Он подождал, пока девушка не ушла. На Фила она больше не взглянула.

— Кристина — милая девушка, — сказал доктор Миер. — Без сомнения, самая милая из четырех женщин, которых мы спасли во имя человечества. Я понимаю, она вам нравится, Абельсен. И даже не имею ничего против, коли вы влюбитесь, но на расстоянии, да позволено мне будет заметить! Запомните это, Абельсен: она моя. В нормальное время я бы сказал, что она моя невеста. До сих пор вы этого не знали. Теперь знаете. И действуйте соответственно!

Он повернулся к двери.

— Господин главный врач! — крикнул Фил. Полуобернувшись, врач смотрел на Фила через плечо.

— Что еще?

— Вы не можете этого сделать, — сказал Фил, — того, о чем здесь вчера говорили. Женщины не ваша собственность. И уж конечно, не Крис!

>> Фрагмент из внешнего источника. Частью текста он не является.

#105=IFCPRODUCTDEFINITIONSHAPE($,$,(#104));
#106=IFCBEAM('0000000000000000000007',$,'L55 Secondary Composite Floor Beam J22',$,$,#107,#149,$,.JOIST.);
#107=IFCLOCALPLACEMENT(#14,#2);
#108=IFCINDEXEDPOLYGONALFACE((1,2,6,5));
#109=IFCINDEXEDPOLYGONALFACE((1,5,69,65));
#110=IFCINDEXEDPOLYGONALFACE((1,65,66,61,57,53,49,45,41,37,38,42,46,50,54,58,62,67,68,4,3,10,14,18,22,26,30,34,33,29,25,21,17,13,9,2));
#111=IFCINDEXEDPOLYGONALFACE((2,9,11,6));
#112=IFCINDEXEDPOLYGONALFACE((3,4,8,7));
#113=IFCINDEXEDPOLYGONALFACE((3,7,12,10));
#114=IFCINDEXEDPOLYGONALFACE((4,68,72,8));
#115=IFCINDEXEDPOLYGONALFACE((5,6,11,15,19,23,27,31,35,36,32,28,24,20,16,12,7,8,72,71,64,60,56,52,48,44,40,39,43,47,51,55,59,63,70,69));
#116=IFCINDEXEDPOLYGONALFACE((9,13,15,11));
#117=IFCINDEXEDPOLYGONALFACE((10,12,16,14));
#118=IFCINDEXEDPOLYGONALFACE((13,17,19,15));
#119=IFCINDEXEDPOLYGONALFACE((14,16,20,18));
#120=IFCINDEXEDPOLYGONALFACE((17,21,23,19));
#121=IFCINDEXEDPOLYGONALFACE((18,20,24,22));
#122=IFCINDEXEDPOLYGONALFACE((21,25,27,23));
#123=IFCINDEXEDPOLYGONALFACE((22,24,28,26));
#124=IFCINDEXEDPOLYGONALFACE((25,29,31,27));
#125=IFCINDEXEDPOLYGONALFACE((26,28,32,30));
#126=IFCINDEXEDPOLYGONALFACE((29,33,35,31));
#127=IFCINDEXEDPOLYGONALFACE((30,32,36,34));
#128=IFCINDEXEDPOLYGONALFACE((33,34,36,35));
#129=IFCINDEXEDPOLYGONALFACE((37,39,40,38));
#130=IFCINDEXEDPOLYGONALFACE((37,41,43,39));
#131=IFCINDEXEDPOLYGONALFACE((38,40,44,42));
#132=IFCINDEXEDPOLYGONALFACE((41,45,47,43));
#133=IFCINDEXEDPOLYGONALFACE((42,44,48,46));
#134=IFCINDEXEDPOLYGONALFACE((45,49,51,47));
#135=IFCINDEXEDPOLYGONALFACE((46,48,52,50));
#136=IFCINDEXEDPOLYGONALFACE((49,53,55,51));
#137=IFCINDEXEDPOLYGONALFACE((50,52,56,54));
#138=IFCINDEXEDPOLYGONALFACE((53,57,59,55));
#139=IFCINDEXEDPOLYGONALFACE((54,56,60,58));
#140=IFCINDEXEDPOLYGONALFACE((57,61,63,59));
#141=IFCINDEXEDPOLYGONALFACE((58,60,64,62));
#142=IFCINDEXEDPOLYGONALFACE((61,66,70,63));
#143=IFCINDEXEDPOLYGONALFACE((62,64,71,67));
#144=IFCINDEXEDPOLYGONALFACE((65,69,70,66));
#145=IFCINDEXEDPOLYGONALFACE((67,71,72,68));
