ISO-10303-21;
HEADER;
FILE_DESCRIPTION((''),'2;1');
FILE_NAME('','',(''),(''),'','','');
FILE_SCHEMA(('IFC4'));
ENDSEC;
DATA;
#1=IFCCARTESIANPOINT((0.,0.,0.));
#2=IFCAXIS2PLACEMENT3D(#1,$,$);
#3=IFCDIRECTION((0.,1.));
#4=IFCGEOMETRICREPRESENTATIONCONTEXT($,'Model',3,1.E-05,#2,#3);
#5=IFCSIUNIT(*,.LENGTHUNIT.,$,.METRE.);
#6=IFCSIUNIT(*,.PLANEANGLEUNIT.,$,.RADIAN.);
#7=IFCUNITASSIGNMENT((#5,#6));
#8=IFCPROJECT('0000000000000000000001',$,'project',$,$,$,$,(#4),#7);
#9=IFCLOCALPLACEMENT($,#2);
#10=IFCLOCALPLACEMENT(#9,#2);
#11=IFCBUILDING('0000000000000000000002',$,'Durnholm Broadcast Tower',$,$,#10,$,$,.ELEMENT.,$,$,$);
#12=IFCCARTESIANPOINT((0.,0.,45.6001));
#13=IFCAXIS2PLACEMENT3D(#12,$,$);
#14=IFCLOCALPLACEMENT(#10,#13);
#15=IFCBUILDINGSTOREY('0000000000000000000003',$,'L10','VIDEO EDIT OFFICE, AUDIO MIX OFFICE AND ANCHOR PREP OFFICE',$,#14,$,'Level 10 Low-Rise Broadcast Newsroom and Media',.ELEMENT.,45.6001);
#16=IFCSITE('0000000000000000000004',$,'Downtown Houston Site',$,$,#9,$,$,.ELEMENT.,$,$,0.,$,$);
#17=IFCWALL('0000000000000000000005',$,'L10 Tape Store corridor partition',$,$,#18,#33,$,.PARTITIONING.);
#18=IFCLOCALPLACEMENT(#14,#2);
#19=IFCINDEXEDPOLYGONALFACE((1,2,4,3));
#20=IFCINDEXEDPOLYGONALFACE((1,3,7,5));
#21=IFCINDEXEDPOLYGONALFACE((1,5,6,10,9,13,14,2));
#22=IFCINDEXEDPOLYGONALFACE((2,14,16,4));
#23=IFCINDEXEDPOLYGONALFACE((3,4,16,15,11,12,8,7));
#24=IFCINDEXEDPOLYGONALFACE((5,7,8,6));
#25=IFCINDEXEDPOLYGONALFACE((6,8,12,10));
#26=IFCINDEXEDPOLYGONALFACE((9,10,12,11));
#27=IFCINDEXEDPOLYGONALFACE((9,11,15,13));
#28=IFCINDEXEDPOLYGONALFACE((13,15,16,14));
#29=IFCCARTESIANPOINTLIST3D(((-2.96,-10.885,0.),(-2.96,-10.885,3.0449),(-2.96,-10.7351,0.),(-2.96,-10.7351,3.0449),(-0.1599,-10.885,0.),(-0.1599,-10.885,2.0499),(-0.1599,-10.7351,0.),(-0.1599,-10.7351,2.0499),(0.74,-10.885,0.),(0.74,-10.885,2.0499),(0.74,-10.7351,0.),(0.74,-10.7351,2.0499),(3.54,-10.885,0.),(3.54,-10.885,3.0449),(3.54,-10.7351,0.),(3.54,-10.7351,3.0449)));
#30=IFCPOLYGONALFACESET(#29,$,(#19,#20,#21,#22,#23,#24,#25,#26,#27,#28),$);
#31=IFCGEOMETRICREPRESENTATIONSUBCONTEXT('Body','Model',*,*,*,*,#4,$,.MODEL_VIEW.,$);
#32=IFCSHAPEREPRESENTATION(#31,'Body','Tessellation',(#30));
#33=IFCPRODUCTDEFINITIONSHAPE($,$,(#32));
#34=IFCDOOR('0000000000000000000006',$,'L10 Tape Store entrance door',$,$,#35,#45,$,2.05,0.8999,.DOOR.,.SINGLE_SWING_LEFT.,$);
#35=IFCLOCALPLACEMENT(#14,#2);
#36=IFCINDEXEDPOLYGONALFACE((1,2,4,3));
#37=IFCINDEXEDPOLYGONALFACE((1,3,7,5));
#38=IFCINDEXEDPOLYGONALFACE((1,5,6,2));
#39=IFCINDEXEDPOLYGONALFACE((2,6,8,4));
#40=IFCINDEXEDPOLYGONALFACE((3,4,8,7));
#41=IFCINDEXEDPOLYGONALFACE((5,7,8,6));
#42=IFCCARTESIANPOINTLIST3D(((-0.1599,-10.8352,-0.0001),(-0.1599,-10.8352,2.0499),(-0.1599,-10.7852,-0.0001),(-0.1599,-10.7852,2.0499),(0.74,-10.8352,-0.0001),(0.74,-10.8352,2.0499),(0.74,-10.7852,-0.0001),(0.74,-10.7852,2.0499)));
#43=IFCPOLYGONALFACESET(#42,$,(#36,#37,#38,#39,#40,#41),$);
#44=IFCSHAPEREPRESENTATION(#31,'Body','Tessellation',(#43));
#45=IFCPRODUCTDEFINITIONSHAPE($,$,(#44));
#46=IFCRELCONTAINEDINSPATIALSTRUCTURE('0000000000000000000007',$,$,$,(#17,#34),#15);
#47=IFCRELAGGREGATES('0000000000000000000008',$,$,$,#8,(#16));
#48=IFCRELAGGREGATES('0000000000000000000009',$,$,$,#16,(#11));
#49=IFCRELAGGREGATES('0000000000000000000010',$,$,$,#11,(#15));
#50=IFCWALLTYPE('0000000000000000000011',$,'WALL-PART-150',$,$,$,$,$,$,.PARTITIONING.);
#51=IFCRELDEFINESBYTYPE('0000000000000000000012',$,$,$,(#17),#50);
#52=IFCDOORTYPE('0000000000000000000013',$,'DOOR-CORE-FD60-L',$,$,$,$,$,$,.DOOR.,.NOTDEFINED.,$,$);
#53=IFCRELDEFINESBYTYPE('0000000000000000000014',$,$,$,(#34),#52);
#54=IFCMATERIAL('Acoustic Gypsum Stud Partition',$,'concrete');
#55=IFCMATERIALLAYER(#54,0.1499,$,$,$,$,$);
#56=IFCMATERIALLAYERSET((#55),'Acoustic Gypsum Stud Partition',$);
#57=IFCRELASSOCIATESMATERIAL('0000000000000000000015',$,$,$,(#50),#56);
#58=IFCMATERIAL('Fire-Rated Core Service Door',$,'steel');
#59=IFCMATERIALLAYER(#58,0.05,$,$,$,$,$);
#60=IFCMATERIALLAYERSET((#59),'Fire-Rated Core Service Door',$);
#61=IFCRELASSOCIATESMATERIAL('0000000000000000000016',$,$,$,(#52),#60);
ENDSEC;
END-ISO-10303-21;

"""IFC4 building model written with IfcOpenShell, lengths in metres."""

from ifc_helpers import new_model, si_unit, direction, frame, frame_2d, origin, place, context, subcontext, project, spatial, rectangle, extrude, source, transform, mapped, material, layer, layer_set, type_object, type_shapes, element, fill, save


model = new_model("IFC4")

# Units and contexts
model_context = context("Model", 3, precision=1e-05, world=origin(), true_north=direction((0.0, 1.0)))
body_context = subcontext(model_context, "Body", "Model", "MODEL_VIEW")
ifc_project = project(units=[si_unit("LENGTHUNIT", "METRE"), si_unit("PLANEANGLEUNIT", "RADIAN")], contexts=[model_context])

# Site, building, storey
site_placement = place(None, origin())
site = spatial("IfcSite", under=ifc_project, at=site_placement, Name="Downtown Houston Site", CompositionType="ELEMENT", RefElevation=0.0)
building_placement = place(site_placement, origin())
building = spatial("IfcBuilding", under=site, at=building_placement, Name="Durnholm Broadcast Tower", CompositionType="ELEMENT")
storey_placement = place(building_placement, frame((0.0, 0.0, 45.6001)))
storey = spatial("IfcBuildingStorey", under=building, at=storey_placement, Name="L10", Description="VIDEO EDIT OFFICE, AUDIO MIX OFFICE AND ANCHOR PREP OFFICE", LongName="Level 10 Low-Rise Broadcast Newsroom and Media", CompositionType="ELEMENT", Elevation=45.6001)

# Shared definitions
ifc_material_1 = material(Name="Acoustic Gypsum Stud Partition", Category="concrete")
ifc_layer_1 = layer(ifc_material_1, 0.1499)
ifc_layer_set_1 = layer_set([ifc_layer_1], Name="Acoustic Gypsum Stud Partition")
wall_type_1 = type_object("IfcWallType", Name="WALL-PART-150", PredefinedType="PARTITIONING", material=ifc_layer_set_1)

# Wall, opening, door
wall_1_placement = place(storey_placement, frame((-2.96, -10.8101, 0.0), z_axis=(0.0, 0.0, 1.0), x_axis=(1.0, 0.0, 0.0)))
wall_1 = element("IfcWall", 1, at=wall_1_placement, inside=storey, type_object=wall_type_1, Name="L10 Tape Store corridor partition", PredefinedType="PARTITIONING", context=body_context, shape_type="SweptSolid", body=[
    extrude(rectangle(XDim=6.5, YDim=0.1499, at=frame_2d((3.25, 0.0))), origin(), (0.0, 0.0, 1.0), 3.0449),
])
opening_1_placement = place(wall_1_placement, frame((2.8, 0.0, 0.0)))
opening_1 = element("IfcOpeningElement", 2, at=opening_1_placement, cuts=wall_1, PredefinedType="OPENING", context=body_context, shape_type="SweptSolid", body=[
    extrude(rectangle(XDim=0.8999, YDim=2.05, at=frame_2d((0.45, 1.0249))), frame((0.0, 0.085, 0.0), z_axis=(0.0, -1.0, 0.0), x_axis=(1.0, 0.0, 0.0)), (0.0, 0.0, 1.0), 0.1699),
])
ifc_material_2 = material(Name="Fire-Rated Core Service Door", Category="steel")
ifc_layer_2 = layer(ifc_material_2, 0.05)
ifc_layer_set_2 = layer_set([ifc_layer_2], Name="Fire-Rated Core Service Door")
door_type_1 = type_object("IfcDoorType", Name="DOOR-CORE-FD60-L", OperationType="NOTDEFINED", PredefinedType="DOOR", material=ifc_layer_set_2)
shared_shape_1 = source(origin(), body_context, "Body", "SweptSolid", [
    extrude(rectangle(XDim=0.8999, YDim=2.05, at=frame_2d((0.45, 1.0249))), frame((0.0, 0.0249, 0.0), z_axis=(0.0, -1.0, 0.0), x_axis=(1.0, 0.0, 0.0)), (0.0, 0.0, 1.0), 0.05),
])
type_shapes(door_type_1, [shared_shape_1])
door_1_placement = place(opening_1_placement, origin())
door_1 = element("IfcDoor", 3, at=door_1_placement, inside=storey, type_object=door_type_1, Name="L10 Tape Store entrance door", OperationType="SINGLE_SWING_LEFT", OverallHeight=2.05, OverallWidth=0.8999, PredefinedType="DOOR", context=body_context, shape_type="MappedRepresentation", body=[
    mapped(shared_shape_1, transform((0.0, 0.0, 0.0), x_axis=(1.0, 0.0, 0.0), y_axis=(0.0, 1.0, 0.0), z_axis=(0.0, 0.0, 1.0), scale=1.0)),
])
fill(opening_1, door_1)

save(model, "model.ifc")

— Так, — сказал врач, — вот оно что. Вы бунтовщик. Один из тех, кто неизвестно чего ради восстает против бога и всего мира. Сеет смуту и пожинает хаос. Этого мне только недоставало. Но я займусь вами. Я сделаю из вас полезного обществу человека. А сейчас приказываю: перестаньте преследовать девушку. Она здесь не для вас. Для вас меньше всего. Надеюсь, вы поняли!

Он все еще стоял, полуобернувшись в дверях. Теперь он взялся за ручку и распахнул дверь. Вышел. Фил увидел, как мелькнул белый халат. Потом дверь закрылась.

И этой ночью Фил спал плохо. Вновь и вновь просыпался он от страшных безумных снов и прислушивался. Но скрипа двери, которого он так ждал, не было. Понятно, он тосковал по Крис, но его не удивляло, что она не приходит. Возможно, за ней следили, если вообще не заперли. Он был бы рад, если б хоть кто-то нарушил его одиночество, даже главный врач, но и в эту ночь никто не пришел к нему. Из всех долгих ночей, которые он провел один на больничном одре, эта была самой тяжкой.

Лишь под утро он на короткое время забылся в тревожном сне, но картина, многократно возвращавшаяся, заставляла его вновь и вновь просыпаться в холодном поту: он лежал, не в силах шевельнуться, на конвейере, который нес его к огромной стеклянной западне, с грохотом захлопывающейся за ним.

Проснувшись окончательно, он почувствовал себя разбитым, зато немного успокоился. Ожидание чего-то, что должно случиться, пусть даже совершенно неведомое, казалось ему не таким уж невыносимым. Как-нибудь все образуется, всегда ведь все как-то образовывалось.

Потом открылась дверь, и вошла незнакомая молодая женщина в халате медсестры, с грубым, чуть глуповатым, но добродушным лицом.

— Доброе утро, — сказала она. — Как спали?

— Где сестра Кристина? — спросил он.

Сестра намочила губку, побрызгав на нее жидкостью из пластиковой бутылки. Запах дезинфицирующего средства распространился но комнате.